Among hospital and market characteristics, the strongest predictor of savings was having high baseline costs compared to other hospitals participating in the program for the same condition. Higher baseline hospital costs have been previously associated with savings in major joint replacement of the lower extremity under BPCI.14 High-cost hospitals may have more opportunity to save due to underlying inefficiencies that are relatively easy to address. Regression to the mean may explain some of this finding as well, given that costs for savers and non-savers moved towards one another from baseline. This is a concern for policymakers, who seek to reward real improvements in care rather than normal shifts over time. Using historical costs as a baseline rather than setting a single target for all participants has the advantage of implicit risk adjustment, but policymakers worry about rewarding providers just because they were historically inefficient .15 The next iteration of BPCI, BPCI-Advanced, incorporates regional costs into the formula for setting target costs, which may remedy this concern, albeit with the tradeoff of concerns about risk adjustment methodology.

There have been previous concerns that alternative payment models might encourage providers to overtreat healthier patients, avoid caring for vulnerable populations, or give substandard care in an effort to reduce costs .4,8,16,17 The fact that outcomes remained stable for savers while their costs of care decreased reinforce notions of significant waste or unnecessary care in the US healthcare system. However, this is an area that warrants ongoing evaluation, since Medicare claims data and current quality measures may be inadequately sensitive to pick up differences in functional status, quality of life, or long-term outcomes.

We are not aware of prior work focused on determining predictors of success in the program or patient outcomes for savers. While there have been studies evaluating various aspects of the BPCI program, these studies have typically compared BPCI participants to controls .18 Multiple prior studies have reported success in BPCI for joint replacement6,19,20 and mixed results for medical conditions ,2,5,21 but those patterns could be due to differential changes in the control group rather than among participants. A federally contracted evaluation of BPCI by the Lewin Group15,22,23,24,25 also found that the impact of BPCI on savings seemed to vary with clinical conditions.

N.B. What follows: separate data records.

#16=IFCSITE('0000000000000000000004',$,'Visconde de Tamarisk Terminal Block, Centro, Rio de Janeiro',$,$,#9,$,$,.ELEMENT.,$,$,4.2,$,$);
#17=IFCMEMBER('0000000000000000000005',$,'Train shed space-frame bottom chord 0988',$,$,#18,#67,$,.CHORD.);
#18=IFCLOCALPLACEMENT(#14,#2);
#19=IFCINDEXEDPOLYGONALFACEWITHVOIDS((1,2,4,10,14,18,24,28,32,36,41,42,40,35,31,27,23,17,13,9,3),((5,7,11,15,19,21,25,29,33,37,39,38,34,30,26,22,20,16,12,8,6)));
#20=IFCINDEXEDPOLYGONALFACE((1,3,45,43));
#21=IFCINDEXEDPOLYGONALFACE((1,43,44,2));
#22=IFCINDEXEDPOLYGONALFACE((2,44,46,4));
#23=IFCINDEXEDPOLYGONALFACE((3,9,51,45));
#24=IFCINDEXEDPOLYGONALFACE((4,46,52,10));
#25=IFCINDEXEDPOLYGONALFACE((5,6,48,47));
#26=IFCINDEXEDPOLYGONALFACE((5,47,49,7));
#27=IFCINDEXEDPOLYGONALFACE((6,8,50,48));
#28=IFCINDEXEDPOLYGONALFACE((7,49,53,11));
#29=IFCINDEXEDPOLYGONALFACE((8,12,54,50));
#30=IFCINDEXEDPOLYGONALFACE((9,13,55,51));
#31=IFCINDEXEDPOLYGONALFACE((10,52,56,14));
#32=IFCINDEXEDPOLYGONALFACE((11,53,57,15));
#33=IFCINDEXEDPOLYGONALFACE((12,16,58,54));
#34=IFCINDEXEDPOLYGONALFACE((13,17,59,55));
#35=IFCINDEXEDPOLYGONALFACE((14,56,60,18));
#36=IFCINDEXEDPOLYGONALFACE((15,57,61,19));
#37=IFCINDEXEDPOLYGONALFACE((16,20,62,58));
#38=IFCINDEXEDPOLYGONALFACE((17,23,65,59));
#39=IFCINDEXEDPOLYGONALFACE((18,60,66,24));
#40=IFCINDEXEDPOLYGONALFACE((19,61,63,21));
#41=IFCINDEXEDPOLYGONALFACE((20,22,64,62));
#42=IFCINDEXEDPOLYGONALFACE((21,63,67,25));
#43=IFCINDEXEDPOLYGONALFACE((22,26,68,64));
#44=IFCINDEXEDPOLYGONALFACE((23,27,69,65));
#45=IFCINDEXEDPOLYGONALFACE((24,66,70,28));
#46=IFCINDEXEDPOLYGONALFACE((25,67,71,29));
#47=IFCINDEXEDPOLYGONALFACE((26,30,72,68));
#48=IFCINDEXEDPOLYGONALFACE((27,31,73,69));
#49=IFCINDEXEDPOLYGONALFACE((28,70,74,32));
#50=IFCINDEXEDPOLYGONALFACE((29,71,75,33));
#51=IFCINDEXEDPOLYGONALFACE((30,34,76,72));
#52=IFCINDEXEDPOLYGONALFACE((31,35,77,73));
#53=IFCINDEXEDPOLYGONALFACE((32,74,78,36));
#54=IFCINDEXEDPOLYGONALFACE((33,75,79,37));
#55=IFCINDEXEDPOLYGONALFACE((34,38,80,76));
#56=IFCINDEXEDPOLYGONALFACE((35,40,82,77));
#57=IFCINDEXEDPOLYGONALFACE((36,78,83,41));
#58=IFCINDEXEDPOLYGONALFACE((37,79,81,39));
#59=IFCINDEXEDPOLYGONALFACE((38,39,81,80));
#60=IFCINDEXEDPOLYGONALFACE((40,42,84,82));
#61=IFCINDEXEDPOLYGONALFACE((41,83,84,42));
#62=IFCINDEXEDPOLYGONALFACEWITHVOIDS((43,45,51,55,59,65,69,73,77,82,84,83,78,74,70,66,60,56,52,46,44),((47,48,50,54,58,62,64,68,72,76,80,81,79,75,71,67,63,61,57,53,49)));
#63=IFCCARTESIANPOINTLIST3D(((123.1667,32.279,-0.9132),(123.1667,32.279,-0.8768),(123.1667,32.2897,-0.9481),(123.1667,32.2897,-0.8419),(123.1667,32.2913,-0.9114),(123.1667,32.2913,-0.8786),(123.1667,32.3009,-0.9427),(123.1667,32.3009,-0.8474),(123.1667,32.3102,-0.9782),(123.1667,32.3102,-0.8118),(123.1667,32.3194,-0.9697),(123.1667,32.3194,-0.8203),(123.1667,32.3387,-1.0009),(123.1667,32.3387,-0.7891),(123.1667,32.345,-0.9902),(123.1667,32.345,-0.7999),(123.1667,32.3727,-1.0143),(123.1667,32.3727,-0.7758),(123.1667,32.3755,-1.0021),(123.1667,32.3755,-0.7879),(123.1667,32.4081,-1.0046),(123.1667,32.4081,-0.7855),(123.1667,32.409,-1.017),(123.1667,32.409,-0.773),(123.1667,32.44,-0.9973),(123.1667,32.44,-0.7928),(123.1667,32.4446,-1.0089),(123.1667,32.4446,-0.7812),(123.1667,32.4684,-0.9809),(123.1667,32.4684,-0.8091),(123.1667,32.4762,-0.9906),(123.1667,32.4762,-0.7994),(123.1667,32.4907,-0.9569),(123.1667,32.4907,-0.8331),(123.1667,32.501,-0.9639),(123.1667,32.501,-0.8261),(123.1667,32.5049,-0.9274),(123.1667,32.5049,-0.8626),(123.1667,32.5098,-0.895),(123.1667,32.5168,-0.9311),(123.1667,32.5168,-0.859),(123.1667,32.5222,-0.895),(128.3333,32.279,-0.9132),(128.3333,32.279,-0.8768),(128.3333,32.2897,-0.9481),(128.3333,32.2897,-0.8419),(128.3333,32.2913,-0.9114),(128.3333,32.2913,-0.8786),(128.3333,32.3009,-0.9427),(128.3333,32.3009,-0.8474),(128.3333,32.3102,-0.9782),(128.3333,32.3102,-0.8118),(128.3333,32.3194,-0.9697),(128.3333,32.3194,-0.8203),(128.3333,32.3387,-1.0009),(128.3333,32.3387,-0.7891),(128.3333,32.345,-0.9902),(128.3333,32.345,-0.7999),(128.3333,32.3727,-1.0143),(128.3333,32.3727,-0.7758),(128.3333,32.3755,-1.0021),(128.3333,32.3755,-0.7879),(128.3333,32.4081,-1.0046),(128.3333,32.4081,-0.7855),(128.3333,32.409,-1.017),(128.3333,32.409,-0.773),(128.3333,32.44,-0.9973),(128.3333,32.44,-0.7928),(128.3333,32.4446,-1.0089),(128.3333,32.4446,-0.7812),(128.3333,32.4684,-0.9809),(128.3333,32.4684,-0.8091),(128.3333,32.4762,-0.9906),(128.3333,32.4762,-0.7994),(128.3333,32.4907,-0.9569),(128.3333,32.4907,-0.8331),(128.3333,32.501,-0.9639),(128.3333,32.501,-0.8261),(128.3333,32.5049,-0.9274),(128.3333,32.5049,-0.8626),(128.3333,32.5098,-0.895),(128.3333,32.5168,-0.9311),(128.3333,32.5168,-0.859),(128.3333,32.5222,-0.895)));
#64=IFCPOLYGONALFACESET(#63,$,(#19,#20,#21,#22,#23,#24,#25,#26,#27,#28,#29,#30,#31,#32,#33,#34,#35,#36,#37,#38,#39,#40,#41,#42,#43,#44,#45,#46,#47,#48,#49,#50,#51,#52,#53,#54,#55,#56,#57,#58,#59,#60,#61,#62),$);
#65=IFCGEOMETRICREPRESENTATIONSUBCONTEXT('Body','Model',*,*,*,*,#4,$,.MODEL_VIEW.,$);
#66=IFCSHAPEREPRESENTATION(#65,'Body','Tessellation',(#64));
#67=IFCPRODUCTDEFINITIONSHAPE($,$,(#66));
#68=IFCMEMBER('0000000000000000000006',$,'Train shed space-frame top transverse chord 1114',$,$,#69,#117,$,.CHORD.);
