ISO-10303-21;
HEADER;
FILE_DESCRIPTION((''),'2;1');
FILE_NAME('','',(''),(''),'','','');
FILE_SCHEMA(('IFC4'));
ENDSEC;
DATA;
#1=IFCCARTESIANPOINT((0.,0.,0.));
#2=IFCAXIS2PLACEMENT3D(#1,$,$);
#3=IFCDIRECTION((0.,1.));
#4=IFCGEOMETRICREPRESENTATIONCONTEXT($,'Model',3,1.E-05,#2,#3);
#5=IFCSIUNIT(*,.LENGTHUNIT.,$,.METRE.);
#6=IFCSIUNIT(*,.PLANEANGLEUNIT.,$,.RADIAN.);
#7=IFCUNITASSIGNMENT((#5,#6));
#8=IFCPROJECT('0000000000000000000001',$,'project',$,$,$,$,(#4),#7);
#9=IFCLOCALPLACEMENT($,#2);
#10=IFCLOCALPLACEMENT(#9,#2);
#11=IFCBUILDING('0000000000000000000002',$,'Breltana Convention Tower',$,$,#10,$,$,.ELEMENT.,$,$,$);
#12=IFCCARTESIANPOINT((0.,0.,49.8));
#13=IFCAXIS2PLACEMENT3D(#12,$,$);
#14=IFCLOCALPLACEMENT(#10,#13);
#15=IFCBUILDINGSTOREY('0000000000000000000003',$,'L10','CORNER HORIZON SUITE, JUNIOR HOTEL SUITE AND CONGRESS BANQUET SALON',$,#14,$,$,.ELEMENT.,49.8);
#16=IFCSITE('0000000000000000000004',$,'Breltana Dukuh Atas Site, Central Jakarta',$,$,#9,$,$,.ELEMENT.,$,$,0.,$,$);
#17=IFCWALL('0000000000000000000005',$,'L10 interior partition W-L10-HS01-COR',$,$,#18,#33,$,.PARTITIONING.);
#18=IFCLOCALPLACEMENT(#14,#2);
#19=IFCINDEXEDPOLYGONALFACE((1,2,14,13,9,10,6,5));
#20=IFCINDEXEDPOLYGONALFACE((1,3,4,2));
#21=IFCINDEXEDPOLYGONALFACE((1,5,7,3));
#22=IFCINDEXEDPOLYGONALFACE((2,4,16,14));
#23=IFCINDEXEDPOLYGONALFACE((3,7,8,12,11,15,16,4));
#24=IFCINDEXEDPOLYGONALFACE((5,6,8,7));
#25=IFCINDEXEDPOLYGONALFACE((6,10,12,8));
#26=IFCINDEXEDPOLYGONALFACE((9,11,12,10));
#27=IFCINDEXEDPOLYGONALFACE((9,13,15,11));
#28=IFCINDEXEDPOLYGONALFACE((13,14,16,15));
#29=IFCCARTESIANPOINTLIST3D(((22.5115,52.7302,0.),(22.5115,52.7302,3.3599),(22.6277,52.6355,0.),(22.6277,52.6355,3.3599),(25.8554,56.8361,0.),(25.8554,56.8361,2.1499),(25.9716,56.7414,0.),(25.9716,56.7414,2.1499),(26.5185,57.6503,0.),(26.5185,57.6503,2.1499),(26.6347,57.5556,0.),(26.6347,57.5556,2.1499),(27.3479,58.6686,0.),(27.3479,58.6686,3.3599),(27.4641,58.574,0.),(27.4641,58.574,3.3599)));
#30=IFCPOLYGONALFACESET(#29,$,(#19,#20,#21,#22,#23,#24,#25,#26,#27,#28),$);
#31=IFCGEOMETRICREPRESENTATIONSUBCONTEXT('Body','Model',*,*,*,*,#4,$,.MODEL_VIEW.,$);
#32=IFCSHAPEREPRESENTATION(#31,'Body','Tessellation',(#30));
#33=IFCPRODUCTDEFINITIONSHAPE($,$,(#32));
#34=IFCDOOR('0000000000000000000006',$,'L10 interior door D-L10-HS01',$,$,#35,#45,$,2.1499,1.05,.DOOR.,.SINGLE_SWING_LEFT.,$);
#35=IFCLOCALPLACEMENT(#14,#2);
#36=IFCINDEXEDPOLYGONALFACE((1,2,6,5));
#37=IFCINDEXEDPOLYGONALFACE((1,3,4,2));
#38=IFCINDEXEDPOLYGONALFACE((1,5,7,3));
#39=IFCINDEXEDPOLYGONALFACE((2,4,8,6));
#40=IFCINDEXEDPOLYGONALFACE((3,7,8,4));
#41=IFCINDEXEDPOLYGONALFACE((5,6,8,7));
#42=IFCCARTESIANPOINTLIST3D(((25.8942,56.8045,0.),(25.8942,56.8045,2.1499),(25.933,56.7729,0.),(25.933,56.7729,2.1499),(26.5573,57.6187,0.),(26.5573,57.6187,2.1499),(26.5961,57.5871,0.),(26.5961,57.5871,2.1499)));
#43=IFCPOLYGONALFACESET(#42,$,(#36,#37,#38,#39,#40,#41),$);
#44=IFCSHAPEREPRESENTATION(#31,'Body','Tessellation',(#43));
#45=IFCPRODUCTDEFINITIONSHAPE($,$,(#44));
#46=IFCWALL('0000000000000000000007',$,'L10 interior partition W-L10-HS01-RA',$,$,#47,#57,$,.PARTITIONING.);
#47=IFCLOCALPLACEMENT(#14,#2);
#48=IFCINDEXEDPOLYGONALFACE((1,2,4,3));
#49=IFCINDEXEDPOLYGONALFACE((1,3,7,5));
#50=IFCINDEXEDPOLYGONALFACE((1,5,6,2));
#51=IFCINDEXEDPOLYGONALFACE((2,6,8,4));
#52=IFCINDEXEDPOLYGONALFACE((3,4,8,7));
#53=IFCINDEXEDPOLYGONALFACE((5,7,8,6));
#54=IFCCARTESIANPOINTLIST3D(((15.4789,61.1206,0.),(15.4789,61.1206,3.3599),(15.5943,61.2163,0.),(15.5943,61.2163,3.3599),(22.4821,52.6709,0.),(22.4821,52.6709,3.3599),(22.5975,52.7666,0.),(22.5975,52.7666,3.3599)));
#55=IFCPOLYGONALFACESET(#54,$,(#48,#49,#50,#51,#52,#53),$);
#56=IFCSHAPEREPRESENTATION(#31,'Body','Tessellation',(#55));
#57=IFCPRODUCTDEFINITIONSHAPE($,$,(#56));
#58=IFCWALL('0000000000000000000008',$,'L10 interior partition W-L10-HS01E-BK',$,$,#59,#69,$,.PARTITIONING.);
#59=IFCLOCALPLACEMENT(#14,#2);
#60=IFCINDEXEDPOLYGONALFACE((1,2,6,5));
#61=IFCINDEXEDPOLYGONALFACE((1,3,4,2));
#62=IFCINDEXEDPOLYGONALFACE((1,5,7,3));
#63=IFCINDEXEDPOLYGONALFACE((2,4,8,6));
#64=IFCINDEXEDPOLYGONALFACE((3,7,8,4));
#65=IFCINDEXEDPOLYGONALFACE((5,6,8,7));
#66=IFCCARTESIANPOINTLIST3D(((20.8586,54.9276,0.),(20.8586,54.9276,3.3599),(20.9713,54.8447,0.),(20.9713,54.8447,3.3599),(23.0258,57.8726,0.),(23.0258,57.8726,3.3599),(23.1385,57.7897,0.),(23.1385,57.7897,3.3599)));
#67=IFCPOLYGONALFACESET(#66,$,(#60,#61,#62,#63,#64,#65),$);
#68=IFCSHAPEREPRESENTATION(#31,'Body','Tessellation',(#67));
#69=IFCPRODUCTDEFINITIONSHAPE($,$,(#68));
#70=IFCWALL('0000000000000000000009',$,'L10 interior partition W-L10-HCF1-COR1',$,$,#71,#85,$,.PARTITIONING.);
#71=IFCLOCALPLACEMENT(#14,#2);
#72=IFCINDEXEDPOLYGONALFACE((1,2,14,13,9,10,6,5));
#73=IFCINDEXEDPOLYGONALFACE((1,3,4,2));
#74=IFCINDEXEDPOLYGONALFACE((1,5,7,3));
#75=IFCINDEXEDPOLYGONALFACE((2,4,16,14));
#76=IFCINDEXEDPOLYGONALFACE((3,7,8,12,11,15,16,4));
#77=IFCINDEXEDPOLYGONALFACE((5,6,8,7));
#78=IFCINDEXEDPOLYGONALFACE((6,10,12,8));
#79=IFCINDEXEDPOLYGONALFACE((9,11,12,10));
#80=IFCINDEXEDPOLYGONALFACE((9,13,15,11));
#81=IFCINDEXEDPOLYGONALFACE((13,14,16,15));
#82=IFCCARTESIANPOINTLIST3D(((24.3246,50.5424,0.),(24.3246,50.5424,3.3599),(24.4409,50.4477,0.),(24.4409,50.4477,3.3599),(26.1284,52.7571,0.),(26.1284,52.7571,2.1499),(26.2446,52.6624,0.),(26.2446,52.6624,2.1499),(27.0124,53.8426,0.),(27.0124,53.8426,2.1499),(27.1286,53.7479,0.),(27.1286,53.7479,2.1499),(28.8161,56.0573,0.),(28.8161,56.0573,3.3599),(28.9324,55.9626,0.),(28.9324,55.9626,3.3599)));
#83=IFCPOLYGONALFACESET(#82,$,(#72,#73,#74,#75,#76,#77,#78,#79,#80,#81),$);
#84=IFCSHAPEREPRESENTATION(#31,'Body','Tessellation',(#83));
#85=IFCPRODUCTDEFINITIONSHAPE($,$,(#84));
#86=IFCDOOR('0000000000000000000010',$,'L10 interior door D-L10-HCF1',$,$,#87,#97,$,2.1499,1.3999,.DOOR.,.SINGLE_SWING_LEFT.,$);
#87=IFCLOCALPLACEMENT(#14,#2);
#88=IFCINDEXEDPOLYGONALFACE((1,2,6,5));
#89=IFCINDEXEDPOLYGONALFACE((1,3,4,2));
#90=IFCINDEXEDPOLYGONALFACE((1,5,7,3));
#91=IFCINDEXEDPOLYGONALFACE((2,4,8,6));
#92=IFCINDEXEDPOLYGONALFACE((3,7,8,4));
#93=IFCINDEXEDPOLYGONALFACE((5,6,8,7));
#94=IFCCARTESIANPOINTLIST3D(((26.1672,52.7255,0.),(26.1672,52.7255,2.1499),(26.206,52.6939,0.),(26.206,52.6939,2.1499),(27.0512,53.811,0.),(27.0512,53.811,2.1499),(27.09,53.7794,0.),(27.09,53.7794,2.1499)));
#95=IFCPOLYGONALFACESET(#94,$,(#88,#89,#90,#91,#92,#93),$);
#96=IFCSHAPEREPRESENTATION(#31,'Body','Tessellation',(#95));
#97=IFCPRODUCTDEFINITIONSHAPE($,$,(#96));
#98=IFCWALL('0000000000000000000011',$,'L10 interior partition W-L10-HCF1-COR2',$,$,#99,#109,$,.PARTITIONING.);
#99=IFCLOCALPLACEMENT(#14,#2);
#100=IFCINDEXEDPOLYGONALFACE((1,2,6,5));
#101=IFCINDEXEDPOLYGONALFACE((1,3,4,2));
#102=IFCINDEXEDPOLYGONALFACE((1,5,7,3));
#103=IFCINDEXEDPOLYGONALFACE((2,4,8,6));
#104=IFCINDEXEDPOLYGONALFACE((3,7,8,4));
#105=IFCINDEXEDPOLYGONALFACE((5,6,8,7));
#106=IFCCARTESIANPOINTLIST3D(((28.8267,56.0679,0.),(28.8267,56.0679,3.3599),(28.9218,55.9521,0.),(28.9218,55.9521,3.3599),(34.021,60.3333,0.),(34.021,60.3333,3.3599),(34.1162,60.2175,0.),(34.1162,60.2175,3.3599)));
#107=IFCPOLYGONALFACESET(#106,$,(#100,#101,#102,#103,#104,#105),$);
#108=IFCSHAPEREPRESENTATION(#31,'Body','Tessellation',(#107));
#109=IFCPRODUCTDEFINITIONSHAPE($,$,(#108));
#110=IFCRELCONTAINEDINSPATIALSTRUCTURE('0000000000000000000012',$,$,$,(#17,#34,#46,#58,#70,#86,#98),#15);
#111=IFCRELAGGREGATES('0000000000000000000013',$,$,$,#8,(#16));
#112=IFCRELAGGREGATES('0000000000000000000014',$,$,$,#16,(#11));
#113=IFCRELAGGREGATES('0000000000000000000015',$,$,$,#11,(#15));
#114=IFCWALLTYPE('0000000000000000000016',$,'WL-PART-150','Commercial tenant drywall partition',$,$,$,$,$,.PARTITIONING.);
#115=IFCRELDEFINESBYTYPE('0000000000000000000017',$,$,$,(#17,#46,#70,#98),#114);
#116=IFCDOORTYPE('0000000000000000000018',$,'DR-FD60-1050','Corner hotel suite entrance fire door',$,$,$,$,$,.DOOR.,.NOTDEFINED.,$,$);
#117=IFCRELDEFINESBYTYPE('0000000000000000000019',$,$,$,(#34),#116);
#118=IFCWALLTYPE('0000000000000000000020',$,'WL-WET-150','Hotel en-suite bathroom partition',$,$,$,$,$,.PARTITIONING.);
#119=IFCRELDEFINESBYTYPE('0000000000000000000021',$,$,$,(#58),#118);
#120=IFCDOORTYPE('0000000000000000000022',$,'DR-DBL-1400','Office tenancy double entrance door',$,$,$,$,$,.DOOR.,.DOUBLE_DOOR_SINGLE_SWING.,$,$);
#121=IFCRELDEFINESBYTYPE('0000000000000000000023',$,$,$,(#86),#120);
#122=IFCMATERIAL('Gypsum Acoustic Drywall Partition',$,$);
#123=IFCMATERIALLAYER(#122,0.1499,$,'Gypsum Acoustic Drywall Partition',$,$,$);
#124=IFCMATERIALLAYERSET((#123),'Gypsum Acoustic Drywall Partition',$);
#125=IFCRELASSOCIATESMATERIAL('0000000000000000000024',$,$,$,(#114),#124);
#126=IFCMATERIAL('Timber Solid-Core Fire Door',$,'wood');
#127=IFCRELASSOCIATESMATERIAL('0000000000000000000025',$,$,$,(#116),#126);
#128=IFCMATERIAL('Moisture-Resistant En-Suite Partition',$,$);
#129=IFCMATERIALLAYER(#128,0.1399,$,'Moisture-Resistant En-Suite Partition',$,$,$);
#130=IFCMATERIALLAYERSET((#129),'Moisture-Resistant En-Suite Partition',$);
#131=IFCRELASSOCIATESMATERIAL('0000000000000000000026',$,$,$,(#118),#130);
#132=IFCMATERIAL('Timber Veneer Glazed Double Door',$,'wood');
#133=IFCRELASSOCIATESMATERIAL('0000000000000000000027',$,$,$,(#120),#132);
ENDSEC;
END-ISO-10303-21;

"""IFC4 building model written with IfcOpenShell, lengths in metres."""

from ifc_helpers import new_model, si_unit, direction, frame, frame_2d, origin, place, context, subcontext, project, spatial, rectangle, extrude, source, transform, mapped, material, layer, layer_set, type_object, type_shapes, element, fill, save


model = new_model("IFC4")

# Units and contexts
model_context = context("Model", 3, precision=1e-05, world=origin(), true_north=direction((0.0, 1.0)))
body_context = subcontext(model_context, "Body", "Model", "MODEL_VIEW")
ifc_project = project(units=[si_unit("LENGTHUNIT", "METRE"), si_unit("PLANEANGLEUNIT", "RADIAN")], contexts=[model_context])

# Site, building, storey
site_placement = place(None, origin())
site = spatial("IfcSite", under=ifc_project, at=site_placement, Name="Breltana Dukuh Atas Site, Central Jakarta", CompositionType="ELEMENT", RefElevation=0.0)
building_placement = place(site_placement, origin())
building = spatial("IfcBuilding", under=site, at=building_placement, Name="Breltana Convention Tower", CompositionType="ELEMENT")
storey_placement = place(building_placement, frame((0.0, 0.0, 49.8)))
storey = spatial("IfcBuildingStorey", under=building, at=storey_placement, Name="L10", Description="CORNER HORIZON SUITE, JUNIOR HOTEL SUITE AND CONGRESS BANQUET SALON", CompositionType="ELEMENT", Elevation=49.8)

# Shared definitions
ifc_material_1 = material(Name="Gypsum Acoustic Drywall Partition")
ifc_layer_1 = layer(ifc_material_1, 0.1499, Name="Gypsum Acoustic Drywall Partition")
ifc_layer_set_1 = layer_set([ifc_layer_1], Name="Gypsum Acoustic Drywall Partition")
wall_type_1 = type_object("IfcWallType", Name="WL-PART-150", Description="Commercial tenant drywall partition", PredefinedType="PARTITIONING", material=ifc_layer_set_1)

# Shared definitions
ifc_material_2 = material(Name="Timber Solid-Core Fire Door", Category="wood")
door_type_1 = type_object("IfcDoorType", Name="DR-FD60-1050", Description="Corner hotel suite entrance fire door", OperationType="NOTDEFINED", PredefinedType="DOOR", material=ifc_material_2)
shared_shape_1 = source(origin(), body_context, "Body", "SweptSolid", [
    extrude(rectangle(XDim=1.05, YDim=2.1499, at=frame_2d((0.5249, 1.075))), frame((0.0, 0.0249, 0.0), z_axis=(0.0, -1.0, 0.0), x_axis=(1.0, 0.0, 0.0)), (0.0, 0.0, 1.0), 0.05),
])
type_shapes(door_type_1, [shared_shape_1])
ifc_material_3 = material(Name="Moisture-Resistant En-Suite Partition")
ifc_layer_2 = layer(ifc_material_3, 0.1399, Name="Moisture-Resistant En-Suite Partition")
ifc_layer_set_2 = layer_set([ifc_layer_2], Name="Moisture-Resistant En-Suite Partition")
wall_type_2 = type_object("IfcWallType", Name="WL-WET-150", Description="Hotel en-suite bathroom partition", PredefinedType="PARTITIONING", material=ifc_layer_set_2)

Our study has limitations. First, as mentioned above, CMS has not released data on target pricing or hospital savings and losses under BPCI. Therefore, we can draw no conclusions about the program’s impact on penalties or bonuses under the program. Second, BPCI is a voluntary program and results may not generalize to mandatory bundled payment programs. Third, we focused on hospital participants. Although they are the majority of model 2 participants, patterns may differ for physician group practices that participate in BPCI. Fourth, we had a limited intervention period, though it was 9 months into program participation. Longer-term follow-up will be necessary to see how care evolves. Fifth, for some individual hospitals, sample sizes were small, and our estimates may be unstable. Sixth, we used claims data to characterize patients and aggregate hospital case mix, which does not include important variables such as caregiver or social support. Finally, while we evaluated all hospital participants in BPCI, BPCI hospitals were largely urban, nonprofit, teaching hospitals, and our results cannot be extrapolated to predict how hospitals with different characteristics may respond to bundled payment programs.

In conclusion, the clinical condition chosen by hospitals participating in BPCI had a large impact on the likelihood that they would succeed in achieving savings, and high baseline costs were the most significant hospital-level predictor of achieving savings in BPCI. As alternative payment models such as bundled payments become more common, there may be increasing pressure across care settings, including for general internists in both the inpatient and outpatient settings, to control spending.